The dancer looked off into a dark corner and then back at Sadie with a sultry smile. “Be over after my rotation. Just need to make sure my girlfriend approves.”

Sadie grinned. “I love open relationships.” She went and sat back down. “So, where were we?”

Frank shrugged. “Most cops have been getting really friendly in a bad way with my boys. Gravestones is the only place we can play. And the Nightwings rolled in a couple of days ago. My crew’s a little young up here, and I don’t want any of ’em getting froggy and starting something with vamp bikers.”

“Nightwings?” Sadie got comfortable and sipped her drink. “I’ve never heard of them riding out here.”

“Me either.”

Vladimir started to say something, but was then distracted by a top-heavy black woman who walked by and traced a finger across his strong shoulders. “Is there some kind of convention going on?” he asked. “I mean, there’s a lot of vamps in town.”

“I haven’t heard anything,” she responded.

“Doesn’t surprise me,” Vlad said. “You go out of your way to make sure they don’t talk to you.”

“I try, but they keep talking.”

“You know, maybe you should try playing nice with them,” Vladimir said. “I know you’re less than thrilled about the idea, but it might let us know if something is really up or if it’s just our imaginations.”

“Why don’t you get Devlin?” Sadie muttered into her rum and coke. “He wants to be a vampire so bad –”

“But he isn’t,” Vlad said, putting his drink down. “And he isn’t an Arbiter either. Frost is obsessed with you for some reason, so maybe you should consider using that.”

Sadie put her drink down and she looked at him with as serious a face as she’d ever worn. “I won’t be seen as some vamp Lord’s broodling or suckup. Not even if it’s for pretend. I’ll find a way of looking into it, okay?”

The werewolf looked over at Frankenstein, but the man nearly shrugged. He didn’t know why Sadie avoided her own kind so vehemently. ‘Except that Terrence guy,’ Vlad thought. “Do you think that Frost’s bodyguard might be able to give us some information? Nothing sensitive, ’cause I’ve got the feeling he’s the loyal type . . . just if there’s a party that we weren’t invited to.”

Sadie seemed to be mulling it over. “Might work. I’ll talk to him if he comes to help on the deck this weekend.”

“You’re building your deck? Why didn’t –” Vlad started.

“Mary’s going to be there. The wraith?” She knew he was going to ask why she hadn’t asked for his big manly help, and there it was. Werewolves were more freaked out by wraiths than anyone, due to the lack of any olfactory footprint. “The more help the better, but I figured –”

“I’ll be there. Teresa hates it when I’m around on the weekends anyway.”

“Why . . . How did you two meet?” Sadie asked, going back into her non-confrontational mode, a bit perplexed that he’d be willing to joined a construction crew with a wraith foreman so quickly. She noticed an immediate souring of attitude. “I’m not trying to start a fight,” she added carefully. “Just trying to get to know my partner is all. I can listen to you or to rumors.” She watched him breathe in, then out . . . and finally he spoke.

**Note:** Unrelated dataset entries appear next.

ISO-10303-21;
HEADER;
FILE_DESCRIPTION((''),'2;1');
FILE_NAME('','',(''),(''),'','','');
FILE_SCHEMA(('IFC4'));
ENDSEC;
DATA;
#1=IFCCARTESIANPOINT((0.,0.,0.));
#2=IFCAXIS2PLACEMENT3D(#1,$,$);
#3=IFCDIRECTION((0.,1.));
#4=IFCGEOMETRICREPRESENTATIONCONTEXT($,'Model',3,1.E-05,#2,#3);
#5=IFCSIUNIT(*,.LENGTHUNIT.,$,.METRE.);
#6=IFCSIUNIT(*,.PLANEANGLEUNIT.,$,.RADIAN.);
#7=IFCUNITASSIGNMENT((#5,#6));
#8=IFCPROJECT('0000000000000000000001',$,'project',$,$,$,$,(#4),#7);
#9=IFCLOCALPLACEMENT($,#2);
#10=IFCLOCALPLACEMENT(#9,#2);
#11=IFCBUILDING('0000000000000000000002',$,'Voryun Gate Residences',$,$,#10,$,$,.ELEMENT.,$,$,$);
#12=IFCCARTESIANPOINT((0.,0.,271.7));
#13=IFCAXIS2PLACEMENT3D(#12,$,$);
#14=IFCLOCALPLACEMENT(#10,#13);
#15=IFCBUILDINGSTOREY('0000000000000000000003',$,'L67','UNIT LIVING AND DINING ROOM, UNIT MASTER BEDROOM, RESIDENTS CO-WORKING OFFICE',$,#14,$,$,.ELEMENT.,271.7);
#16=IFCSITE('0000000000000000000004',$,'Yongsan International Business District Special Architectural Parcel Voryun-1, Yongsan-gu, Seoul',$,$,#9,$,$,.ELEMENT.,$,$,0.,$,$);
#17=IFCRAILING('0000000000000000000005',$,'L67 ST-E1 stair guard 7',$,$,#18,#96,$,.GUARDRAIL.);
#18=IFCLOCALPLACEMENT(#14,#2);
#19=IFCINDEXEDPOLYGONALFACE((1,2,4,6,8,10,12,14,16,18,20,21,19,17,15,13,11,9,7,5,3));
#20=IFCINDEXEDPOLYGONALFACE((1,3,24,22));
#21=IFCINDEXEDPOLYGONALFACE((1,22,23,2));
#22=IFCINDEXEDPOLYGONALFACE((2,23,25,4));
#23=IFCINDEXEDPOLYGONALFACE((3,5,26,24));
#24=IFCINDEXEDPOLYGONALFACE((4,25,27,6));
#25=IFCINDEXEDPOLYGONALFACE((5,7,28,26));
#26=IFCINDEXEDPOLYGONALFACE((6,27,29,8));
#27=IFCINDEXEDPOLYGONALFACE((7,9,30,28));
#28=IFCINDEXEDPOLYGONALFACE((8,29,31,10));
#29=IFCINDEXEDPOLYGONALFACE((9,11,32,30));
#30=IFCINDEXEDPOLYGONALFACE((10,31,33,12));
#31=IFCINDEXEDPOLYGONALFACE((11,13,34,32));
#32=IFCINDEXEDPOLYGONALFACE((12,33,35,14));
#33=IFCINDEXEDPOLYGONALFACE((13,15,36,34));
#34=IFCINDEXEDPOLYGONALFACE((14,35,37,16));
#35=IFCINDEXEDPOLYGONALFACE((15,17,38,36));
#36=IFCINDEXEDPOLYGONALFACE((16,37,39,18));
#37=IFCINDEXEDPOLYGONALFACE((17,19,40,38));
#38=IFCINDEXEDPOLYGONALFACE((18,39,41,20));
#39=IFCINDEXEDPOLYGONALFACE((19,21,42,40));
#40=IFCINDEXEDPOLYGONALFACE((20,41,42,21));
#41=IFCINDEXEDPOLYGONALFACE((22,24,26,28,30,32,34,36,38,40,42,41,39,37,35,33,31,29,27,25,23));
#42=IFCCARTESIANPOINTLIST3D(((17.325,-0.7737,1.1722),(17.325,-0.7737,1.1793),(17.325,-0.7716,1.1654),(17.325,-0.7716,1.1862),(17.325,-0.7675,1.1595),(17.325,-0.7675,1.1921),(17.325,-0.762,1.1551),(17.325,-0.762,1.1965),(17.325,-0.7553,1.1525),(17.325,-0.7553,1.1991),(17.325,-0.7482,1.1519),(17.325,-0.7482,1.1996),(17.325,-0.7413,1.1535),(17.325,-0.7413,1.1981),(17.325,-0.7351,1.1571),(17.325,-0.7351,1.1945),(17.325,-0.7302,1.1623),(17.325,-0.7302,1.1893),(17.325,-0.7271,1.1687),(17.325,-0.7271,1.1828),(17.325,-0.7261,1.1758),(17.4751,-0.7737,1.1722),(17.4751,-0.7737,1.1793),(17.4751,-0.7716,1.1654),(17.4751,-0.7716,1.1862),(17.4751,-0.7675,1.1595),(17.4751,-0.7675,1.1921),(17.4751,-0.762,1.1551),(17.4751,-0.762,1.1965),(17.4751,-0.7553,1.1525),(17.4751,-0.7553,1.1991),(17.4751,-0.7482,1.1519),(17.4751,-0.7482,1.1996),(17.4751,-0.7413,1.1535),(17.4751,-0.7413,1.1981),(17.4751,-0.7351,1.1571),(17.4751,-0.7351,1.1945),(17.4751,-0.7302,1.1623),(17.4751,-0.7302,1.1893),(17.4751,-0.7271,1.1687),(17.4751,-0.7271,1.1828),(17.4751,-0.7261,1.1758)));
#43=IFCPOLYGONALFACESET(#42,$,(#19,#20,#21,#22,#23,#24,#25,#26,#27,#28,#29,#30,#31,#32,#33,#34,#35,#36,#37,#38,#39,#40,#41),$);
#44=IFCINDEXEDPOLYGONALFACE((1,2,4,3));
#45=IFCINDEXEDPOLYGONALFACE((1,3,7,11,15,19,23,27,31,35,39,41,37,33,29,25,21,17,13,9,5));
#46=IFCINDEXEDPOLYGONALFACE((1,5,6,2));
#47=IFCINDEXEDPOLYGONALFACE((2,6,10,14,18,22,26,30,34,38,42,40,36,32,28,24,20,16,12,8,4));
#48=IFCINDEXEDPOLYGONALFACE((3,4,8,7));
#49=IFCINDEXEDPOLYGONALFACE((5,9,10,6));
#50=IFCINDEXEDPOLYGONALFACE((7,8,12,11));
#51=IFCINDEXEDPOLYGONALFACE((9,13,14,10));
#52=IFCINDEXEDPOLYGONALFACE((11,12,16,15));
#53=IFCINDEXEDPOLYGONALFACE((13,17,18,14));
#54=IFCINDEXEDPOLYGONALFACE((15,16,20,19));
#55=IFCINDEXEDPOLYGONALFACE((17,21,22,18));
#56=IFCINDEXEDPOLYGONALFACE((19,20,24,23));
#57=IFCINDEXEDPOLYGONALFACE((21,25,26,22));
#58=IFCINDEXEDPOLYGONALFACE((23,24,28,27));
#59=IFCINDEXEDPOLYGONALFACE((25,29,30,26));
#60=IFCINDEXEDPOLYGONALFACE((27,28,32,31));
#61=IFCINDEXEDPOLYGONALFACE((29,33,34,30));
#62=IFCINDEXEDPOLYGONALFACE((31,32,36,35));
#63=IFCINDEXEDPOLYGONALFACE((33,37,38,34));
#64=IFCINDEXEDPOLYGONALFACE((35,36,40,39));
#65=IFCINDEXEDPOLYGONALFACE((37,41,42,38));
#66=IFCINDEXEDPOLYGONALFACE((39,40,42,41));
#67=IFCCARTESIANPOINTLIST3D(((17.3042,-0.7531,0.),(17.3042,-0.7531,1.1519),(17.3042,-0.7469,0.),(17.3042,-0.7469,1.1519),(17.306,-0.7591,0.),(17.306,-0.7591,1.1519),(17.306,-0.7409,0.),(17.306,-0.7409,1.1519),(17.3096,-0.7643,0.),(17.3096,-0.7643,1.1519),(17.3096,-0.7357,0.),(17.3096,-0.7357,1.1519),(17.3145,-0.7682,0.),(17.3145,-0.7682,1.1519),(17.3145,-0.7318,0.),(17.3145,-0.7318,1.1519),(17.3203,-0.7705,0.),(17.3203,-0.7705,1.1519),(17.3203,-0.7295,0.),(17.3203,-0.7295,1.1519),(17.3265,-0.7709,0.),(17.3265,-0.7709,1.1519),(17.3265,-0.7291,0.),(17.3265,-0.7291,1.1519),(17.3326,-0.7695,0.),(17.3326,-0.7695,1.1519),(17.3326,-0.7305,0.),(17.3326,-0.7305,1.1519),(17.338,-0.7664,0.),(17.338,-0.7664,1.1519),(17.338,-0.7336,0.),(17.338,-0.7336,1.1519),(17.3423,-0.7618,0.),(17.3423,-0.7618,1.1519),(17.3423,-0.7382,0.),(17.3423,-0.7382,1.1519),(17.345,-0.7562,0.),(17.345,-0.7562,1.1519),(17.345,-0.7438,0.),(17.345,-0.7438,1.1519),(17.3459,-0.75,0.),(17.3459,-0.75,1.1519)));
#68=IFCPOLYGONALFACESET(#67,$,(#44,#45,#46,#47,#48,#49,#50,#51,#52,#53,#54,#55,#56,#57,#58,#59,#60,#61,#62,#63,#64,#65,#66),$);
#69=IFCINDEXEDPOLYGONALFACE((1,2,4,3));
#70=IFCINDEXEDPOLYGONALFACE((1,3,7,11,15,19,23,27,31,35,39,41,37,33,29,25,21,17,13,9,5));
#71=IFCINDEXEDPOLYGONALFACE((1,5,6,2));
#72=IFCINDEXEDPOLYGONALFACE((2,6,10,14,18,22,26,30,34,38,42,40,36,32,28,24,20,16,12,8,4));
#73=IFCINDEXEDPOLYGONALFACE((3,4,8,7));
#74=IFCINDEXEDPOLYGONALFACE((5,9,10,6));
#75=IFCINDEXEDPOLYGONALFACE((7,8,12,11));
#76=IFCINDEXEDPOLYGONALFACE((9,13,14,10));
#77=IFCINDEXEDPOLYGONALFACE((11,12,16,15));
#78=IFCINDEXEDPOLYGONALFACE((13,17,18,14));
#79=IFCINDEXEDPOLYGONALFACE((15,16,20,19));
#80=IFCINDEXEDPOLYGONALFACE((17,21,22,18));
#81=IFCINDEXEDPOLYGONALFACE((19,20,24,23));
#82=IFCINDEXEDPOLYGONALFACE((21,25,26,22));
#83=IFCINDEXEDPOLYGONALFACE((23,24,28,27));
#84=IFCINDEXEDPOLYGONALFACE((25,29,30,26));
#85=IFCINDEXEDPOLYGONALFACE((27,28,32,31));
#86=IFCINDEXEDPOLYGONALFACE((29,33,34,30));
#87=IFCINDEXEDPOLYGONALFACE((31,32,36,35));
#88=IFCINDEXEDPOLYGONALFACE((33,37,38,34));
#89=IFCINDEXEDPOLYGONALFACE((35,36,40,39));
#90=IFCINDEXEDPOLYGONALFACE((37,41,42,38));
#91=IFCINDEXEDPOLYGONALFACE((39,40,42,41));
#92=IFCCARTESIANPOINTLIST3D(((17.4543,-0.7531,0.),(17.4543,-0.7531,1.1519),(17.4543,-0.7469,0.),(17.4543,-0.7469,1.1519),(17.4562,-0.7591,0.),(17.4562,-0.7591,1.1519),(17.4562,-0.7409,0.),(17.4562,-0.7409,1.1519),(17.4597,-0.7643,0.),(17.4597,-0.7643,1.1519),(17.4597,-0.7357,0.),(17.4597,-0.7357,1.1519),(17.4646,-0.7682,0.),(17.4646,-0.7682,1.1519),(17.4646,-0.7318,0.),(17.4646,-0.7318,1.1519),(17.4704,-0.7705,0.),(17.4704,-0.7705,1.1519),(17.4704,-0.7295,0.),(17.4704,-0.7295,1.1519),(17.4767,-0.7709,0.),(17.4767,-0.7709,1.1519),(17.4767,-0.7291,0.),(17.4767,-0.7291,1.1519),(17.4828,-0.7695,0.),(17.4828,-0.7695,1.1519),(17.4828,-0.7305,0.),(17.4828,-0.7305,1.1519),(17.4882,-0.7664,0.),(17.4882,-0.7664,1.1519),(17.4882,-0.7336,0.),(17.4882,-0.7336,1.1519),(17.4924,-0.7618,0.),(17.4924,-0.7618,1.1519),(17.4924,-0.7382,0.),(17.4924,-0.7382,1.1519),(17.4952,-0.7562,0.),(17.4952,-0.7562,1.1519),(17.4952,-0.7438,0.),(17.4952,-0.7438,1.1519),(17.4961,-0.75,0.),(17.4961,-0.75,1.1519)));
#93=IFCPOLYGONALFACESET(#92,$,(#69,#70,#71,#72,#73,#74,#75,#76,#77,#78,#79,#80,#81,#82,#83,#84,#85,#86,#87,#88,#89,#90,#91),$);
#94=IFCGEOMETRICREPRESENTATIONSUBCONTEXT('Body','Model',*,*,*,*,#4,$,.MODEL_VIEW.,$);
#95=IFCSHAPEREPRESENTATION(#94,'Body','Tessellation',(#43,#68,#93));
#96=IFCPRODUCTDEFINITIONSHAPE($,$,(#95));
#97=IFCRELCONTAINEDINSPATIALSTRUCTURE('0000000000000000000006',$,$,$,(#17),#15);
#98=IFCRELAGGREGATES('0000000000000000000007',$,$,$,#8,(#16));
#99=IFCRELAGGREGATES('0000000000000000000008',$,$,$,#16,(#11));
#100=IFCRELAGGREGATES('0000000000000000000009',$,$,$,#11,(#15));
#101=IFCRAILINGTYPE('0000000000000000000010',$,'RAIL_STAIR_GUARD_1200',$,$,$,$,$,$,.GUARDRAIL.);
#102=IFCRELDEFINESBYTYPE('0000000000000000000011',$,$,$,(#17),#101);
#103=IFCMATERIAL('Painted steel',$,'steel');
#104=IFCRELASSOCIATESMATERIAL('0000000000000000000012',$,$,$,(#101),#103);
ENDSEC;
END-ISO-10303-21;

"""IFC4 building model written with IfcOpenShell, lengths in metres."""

from ifc_helpers import new_model, si_unit, direction, frame, origin, origin_2d, place, context, subcontext, project, spatial, circle, extrude, material, type_object, element, save


model = new_model("IFC4")

# Units and contexts
model_context = context("Model", 3, precision=1e-05, world=origin(), true_north=direction((0.0, 1.0)))
body_context = subcontext(model_context, "Body", "Model", "MODEL_VIEW")
ifc_project = project(units=[si_unit("LENGTHUNIT", "METRE"), si_unit("PLANEANGLEUNIT", "RADIAN")], contexts=[model_context])

# Site, building, storey
site_placement = place(None, origin())
site = spatial("IfcSite", under=ifc_project, at=site_placement, Name="Yongsan International Business District Special Architectural Parcel Voryun-1, Yongsan-gu, Seoul", CompositionType="ELEMENT", RefElevation=0.0)
building_placement = place(site_placement, origin())
building = spatial("IfcBuilding", under=site, at=building_placement, Name="Voryun Gate Residences", CompositionType="ELEMENT")
storey_placement = place(building_placement, frame((0.0, 0.0, 271.7)))
storey = spatial("IfcBuildingStorey", under=building, at=storey_placement, Name="L67", Description="UNIT LIVING AND DINING ROOM, UNIT MASTER BEDROOM, RESIDENTS CO-WORKING OFFICE", CompositionType="ELEMENT", Elevation=271.7)

# Railing
ifc_material_1 = material(Name="Painted steel", Category="steel")
railing_type_1 = type_object("IfcRailingType", Name="RAIL_STAIR_GUARD_1200", PredefinedType="GUARDRAIL", material=ifc_material_1)
railing_1_placement = place(storey_placement, frame((17.325, -0.75, 0.0)))
element("IfcRailing", 1, at=railing_1_placement, inside=storey, type_object=railing_type_1, Name="L67 ST-E1 stair guard 7", PredefinedType="GUARDRAIL", context=body_context, shape_type="SweptSolid", body=[
    extrude(circle(Radius=0.0239, at=origin_2d()), frame((0.0, 0.0, 1.1758), z_axis=(1.0, 0.0, 0.0), x_axis=(0.0, 1.0, 0.0)), (0.0, 0.0, 1.0), 0.1501),
    extrude(circle(Radius=0.021, at=origin_2d()), origin(), (0.0, 0.0, 1.0), 1.1519),
    extrude(circle(Radius=0.021, at=origin_2d()), frame((0.1501, 0.0, 0.0)), (0.0, 0.0, 1.0), 1.1519),
])

save(model, "model.ifc")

“Quid pro quo,” he replied. “I talk about my life, you get to explain what happened in Austin that made your superiors ‘let’ you come up here to Midian.”

“I don’t –”

“Then no deal.”

Frankenstein was chuckling as he stood up. Not many people could back Sadie into a corner and get away unscathed. “I’ll leave you two alone. I’m going to go get the boys and head south and see what kind of hell we can raise in San Francisco.”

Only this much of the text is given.